Basal Cell Carcinoma of the Head and Neck Region: An Analysis of 171 Cases
Objective. To analyze the pattern of presentation of basal cell carcinoma (BCC) and margin status for excised specimens in the head and neck region. Study Design. Retrospective cross-sectional. Duration of Study. January 2009 to December 2011. Methodology. The database of the pathology department was searched to identify records of all malignant skin tumors that underwent standard excision with margins. Out of these records, tumors with a diagnosis of BCC in the head and neck region were retrieved and separated. Age, gender, anatomic location, pattern of tumor, and margin status were noted. Results. A total of 171 cases of BCC from various sites of head and neck were retrieved. Male to female ratio was 1.4 : 1. The age ranged from 22 to 90 years. Seventy-six cases presented on right side, 79 on left, and 16 were in the midline. Most common anatomical site was the nose followed by the cheek. Nodular lesions were the most common (46.2%) followed by pigmented variety (18.7%). Margins were clear in 77 (45.1%) cases, involved in 86 (50.2%) cases, and close in 8 (4.7%) cases. Conclusion. Nose was the most common site followed by the cheek. Nodular and pigmented varieties were the most frequent and margins were involved in more than fifty percent of the cases.

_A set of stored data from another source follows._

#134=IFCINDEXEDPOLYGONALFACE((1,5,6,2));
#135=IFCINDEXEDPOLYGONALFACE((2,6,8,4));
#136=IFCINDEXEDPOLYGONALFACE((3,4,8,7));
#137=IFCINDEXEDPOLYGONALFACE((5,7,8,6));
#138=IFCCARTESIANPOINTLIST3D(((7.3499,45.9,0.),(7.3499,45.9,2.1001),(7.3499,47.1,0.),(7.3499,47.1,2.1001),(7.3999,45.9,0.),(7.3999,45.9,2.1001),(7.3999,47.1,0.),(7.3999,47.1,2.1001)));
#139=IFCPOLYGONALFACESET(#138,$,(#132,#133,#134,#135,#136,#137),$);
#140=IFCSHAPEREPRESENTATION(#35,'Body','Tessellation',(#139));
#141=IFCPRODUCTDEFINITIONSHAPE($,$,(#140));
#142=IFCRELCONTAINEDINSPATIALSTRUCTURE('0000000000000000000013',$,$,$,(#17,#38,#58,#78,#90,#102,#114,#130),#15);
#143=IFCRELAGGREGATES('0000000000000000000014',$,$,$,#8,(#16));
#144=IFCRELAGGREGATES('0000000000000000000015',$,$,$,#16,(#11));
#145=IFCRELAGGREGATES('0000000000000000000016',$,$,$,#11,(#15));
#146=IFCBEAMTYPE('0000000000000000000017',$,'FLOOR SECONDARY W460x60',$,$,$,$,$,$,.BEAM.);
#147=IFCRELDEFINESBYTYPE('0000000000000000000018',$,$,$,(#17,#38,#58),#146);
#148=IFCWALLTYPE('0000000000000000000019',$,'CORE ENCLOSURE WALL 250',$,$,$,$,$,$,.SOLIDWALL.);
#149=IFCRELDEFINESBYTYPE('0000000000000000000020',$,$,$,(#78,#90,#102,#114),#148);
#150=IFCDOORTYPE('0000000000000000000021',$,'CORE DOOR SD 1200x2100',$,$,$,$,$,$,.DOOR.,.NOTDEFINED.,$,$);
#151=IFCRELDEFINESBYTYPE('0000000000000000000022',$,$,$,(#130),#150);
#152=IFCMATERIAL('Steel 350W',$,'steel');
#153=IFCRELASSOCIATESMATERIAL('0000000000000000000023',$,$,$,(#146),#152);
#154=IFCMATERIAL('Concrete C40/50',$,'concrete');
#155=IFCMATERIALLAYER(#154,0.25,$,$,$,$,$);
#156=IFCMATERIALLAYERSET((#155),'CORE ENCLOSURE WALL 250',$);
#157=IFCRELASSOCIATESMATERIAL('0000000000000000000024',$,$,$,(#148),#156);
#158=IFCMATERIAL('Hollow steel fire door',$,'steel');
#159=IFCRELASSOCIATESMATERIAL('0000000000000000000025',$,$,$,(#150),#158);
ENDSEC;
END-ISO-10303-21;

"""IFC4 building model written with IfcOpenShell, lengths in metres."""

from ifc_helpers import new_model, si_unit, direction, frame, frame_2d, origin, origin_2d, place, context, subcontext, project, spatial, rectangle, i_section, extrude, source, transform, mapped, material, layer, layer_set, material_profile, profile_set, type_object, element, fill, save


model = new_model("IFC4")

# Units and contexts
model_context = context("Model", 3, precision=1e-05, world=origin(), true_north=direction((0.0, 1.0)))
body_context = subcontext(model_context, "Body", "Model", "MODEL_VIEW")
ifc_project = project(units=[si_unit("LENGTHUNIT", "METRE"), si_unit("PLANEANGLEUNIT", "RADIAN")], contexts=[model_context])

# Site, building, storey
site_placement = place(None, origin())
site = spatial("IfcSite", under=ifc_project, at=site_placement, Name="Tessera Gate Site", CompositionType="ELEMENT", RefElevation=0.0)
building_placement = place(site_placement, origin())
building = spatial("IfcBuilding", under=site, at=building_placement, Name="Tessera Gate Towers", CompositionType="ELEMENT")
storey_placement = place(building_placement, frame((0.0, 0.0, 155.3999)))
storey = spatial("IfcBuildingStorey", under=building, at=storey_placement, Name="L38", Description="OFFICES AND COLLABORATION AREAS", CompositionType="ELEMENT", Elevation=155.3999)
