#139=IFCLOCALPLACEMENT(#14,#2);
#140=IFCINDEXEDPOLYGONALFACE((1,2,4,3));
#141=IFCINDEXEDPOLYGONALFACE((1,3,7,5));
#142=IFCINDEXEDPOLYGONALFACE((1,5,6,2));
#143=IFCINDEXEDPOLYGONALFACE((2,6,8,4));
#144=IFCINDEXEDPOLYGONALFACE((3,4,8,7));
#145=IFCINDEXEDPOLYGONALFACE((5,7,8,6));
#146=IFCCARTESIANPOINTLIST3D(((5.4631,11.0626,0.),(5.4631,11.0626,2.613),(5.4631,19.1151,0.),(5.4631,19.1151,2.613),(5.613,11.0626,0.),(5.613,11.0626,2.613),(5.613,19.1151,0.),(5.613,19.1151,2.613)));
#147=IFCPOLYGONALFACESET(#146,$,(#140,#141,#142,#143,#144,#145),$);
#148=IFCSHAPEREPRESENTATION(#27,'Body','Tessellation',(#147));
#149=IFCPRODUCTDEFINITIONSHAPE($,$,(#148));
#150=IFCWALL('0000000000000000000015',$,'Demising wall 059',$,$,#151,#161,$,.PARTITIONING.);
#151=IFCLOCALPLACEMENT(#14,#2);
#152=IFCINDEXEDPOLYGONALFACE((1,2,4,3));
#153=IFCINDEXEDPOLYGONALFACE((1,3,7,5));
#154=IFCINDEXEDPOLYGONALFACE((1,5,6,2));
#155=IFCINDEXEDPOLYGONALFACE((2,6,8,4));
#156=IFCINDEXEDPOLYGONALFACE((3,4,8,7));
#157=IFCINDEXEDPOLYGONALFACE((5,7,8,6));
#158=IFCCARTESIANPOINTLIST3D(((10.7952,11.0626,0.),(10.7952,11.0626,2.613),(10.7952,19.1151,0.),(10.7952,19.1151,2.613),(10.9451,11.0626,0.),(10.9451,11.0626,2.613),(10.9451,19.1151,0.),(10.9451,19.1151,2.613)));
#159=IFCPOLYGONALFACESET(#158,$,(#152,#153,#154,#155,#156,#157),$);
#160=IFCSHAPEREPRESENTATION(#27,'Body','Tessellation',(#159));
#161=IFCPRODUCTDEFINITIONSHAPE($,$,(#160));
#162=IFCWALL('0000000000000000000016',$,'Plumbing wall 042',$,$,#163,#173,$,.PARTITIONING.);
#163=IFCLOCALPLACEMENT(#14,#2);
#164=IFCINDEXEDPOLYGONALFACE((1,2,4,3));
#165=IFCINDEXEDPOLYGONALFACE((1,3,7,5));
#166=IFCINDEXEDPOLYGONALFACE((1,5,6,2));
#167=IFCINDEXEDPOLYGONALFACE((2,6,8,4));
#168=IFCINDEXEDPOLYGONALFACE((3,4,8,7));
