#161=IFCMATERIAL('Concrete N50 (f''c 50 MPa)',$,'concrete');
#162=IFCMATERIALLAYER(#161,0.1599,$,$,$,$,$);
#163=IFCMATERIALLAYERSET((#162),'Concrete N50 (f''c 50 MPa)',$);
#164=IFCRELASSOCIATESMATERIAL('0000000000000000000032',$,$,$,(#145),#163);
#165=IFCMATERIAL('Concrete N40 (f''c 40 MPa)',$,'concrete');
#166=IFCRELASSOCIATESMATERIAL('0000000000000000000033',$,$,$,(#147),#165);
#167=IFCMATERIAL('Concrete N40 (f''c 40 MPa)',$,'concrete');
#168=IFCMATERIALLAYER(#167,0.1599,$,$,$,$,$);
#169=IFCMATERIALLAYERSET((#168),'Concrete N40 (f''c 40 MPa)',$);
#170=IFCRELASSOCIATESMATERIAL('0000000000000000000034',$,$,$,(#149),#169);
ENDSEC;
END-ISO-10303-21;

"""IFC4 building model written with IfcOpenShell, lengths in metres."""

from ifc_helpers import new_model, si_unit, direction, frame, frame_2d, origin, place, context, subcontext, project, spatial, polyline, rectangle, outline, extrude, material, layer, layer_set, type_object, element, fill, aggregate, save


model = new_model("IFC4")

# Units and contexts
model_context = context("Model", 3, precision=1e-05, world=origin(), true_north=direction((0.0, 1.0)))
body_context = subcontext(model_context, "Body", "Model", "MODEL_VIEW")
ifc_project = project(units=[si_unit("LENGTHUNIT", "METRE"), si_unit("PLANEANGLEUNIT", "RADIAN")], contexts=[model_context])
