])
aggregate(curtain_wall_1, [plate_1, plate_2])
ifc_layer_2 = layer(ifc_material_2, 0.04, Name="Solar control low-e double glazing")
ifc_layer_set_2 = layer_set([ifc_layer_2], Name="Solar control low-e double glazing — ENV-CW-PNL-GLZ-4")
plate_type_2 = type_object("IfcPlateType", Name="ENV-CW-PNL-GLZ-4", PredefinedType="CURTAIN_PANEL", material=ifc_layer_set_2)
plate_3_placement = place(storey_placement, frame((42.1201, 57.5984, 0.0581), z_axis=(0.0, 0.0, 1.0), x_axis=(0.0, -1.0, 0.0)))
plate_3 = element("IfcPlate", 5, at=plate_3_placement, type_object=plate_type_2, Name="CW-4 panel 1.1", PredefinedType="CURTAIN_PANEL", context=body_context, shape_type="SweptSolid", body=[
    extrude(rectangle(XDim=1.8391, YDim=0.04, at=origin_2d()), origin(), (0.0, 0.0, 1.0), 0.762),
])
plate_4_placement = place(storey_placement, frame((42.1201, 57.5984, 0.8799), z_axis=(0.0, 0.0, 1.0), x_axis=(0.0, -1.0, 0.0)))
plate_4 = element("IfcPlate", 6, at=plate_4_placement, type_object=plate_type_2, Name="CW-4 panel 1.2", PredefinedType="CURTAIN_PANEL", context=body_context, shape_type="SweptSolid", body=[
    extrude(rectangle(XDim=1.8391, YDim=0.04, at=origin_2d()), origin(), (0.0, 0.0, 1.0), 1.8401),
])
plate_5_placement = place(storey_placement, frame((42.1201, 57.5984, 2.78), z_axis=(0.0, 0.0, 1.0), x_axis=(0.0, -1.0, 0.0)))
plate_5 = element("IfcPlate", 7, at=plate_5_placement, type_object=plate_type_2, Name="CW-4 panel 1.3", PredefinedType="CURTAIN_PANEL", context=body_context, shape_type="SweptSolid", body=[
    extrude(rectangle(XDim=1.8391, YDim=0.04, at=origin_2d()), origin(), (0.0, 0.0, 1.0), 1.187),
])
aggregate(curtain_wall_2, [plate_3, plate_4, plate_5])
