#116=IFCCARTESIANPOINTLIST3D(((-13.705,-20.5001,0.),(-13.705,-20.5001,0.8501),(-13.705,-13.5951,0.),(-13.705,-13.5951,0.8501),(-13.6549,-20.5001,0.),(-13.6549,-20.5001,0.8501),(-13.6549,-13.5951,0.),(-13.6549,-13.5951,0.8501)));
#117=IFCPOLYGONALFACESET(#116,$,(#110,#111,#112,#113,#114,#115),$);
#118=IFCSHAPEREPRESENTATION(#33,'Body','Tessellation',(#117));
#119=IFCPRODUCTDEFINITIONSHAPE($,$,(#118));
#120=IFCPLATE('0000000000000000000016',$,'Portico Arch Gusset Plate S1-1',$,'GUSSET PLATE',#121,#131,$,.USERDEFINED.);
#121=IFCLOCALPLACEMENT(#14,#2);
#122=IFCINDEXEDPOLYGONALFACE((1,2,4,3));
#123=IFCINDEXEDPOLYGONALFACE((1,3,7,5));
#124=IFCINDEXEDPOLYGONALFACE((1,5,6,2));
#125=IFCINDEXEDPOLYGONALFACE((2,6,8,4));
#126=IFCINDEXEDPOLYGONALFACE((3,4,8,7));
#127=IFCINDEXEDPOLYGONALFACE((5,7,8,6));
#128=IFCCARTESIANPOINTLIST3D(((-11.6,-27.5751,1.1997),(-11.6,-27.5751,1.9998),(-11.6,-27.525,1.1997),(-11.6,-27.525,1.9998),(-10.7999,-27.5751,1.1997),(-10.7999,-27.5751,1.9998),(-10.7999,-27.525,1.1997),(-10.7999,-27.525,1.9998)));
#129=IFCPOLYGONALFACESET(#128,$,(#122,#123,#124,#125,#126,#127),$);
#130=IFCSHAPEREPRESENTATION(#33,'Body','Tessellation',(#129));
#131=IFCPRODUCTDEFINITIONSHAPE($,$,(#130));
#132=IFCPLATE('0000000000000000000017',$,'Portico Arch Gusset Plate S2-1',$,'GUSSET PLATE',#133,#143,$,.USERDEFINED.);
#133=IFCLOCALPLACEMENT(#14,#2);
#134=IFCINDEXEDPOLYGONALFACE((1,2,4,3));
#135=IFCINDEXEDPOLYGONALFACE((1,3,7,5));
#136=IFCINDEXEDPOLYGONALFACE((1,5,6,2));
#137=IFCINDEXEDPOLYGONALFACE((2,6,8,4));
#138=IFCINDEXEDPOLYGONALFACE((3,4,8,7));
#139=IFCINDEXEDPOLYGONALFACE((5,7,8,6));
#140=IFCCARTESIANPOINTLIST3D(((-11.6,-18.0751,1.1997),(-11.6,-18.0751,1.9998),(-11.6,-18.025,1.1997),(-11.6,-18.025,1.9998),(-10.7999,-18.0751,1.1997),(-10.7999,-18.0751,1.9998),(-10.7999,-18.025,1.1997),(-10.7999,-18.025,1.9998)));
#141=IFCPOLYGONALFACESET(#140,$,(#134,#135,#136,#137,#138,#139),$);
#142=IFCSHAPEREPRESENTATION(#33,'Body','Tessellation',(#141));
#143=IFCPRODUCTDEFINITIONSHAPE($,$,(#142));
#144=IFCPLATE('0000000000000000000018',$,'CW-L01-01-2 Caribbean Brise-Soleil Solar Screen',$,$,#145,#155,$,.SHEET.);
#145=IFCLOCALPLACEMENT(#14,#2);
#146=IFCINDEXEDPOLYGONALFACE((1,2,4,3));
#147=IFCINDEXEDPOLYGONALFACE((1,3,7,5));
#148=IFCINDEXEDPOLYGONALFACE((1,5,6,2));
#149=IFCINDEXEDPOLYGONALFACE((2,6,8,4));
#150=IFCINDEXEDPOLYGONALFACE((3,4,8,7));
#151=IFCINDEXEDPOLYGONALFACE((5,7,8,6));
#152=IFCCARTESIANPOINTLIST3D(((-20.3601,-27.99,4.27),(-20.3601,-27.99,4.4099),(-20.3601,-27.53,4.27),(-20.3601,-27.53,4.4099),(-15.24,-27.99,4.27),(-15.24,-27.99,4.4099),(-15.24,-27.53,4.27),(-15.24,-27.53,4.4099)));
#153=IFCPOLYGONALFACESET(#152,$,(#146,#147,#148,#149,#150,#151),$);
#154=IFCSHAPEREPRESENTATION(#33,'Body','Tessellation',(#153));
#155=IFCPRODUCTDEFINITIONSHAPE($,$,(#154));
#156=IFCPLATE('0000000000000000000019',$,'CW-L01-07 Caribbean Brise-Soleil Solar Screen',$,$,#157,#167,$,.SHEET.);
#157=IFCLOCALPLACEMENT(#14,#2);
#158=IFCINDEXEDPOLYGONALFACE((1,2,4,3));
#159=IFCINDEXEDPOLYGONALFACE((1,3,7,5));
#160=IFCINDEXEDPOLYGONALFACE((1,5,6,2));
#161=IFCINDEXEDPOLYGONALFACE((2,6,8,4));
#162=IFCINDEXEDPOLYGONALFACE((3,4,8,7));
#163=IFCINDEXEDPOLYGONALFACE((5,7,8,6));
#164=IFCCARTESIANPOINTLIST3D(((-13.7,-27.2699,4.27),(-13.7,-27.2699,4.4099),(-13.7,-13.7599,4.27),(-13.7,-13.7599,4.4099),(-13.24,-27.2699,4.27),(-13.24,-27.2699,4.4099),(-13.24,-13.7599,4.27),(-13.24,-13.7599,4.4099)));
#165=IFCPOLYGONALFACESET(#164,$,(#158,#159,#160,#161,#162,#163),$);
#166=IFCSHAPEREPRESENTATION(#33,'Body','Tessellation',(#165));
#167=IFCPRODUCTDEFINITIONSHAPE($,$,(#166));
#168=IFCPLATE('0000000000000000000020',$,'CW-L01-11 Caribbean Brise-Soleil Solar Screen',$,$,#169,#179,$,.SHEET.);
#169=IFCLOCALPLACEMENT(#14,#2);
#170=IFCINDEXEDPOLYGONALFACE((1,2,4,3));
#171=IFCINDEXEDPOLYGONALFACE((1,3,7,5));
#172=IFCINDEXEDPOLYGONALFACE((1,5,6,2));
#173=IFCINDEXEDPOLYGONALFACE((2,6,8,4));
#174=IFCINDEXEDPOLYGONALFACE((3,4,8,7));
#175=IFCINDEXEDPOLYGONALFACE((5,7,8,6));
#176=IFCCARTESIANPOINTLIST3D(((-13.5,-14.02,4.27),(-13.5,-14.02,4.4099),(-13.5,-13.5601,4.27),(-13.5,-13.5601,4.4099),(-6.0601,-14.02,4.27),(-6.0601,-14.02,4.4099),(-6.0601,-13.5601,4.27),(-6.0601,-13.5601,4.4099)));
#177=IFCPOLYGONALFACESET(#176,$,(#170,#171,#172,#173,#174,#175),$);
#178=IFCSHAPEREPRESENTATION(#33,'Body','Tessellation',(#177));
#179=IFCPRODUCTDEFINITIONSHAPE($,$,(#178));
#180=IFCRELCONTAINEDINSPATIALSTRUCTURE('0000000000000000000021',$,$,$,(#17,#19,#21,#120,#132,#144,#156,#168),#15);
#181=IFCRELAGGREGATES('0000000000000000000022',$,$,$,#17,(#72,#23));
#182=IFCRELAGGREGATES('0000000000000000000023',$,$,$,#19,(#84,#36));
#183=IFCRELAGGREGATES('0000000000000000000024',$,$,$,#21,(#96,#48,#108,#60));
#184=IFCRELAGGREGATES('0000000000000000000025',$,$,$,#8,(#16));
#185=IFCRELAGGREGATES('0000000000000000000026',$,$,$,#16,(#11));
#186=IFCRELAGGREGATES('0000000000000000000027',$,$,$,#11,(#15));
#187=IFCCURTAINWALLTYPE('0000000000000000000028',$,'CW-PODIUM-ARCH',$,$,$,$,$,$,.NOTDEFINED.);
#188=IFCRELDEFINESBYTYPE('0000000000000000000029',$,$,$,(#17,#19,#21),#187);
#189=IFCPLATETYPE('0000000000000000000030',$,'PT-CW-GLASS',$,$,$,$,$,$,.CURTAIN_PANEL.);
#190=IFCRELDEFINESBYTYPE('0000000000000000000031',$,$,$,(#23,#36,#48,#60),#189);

Jacob Arthur in Dublin in 1827 first coined the term “rodent ulcer” to describe what we now know as a basal cell carcinoma (BCC) . It takes its name from the resemblance of the epithelial tumor cells to normal basal cells of the skin. Basal cell carcinoma is a locally invasive, slow growing malignancy that arises from the basal layer of the epidermis and its appendages and is considered to be most common skin malignancy in adults of fair-complexion [2, 3]. Recent studies have shown that two thirds of the tumors are located in the head and neck region as these are the most sun exposed regions of the body . The incidence of BCC has increased substantially in the last decade or so and it shows geographical variations .
Prolonged exposure to ultraviolet light is the chief cause of development of BCC . Other predisposing factors include exposure to radiotherapy, arsenic, albinism, burns, scars, immunosuppression, Bazex, and Gorlin syndromes [7–10].
Clinically, BCC in the head and neck usually presents as a slow growing well defined papule or nodule with telangiectasias located above the line connecting the angle of the mouth and ear lobe. It is a locally destructive lesion and can cause serious disfigurement but metastasizes rarely. According to clinical appearance and aggressiveness there are several variants including nodular (with or without ulceration), pigmented, sclerosing, superficial, and baso-squamous [11, 12].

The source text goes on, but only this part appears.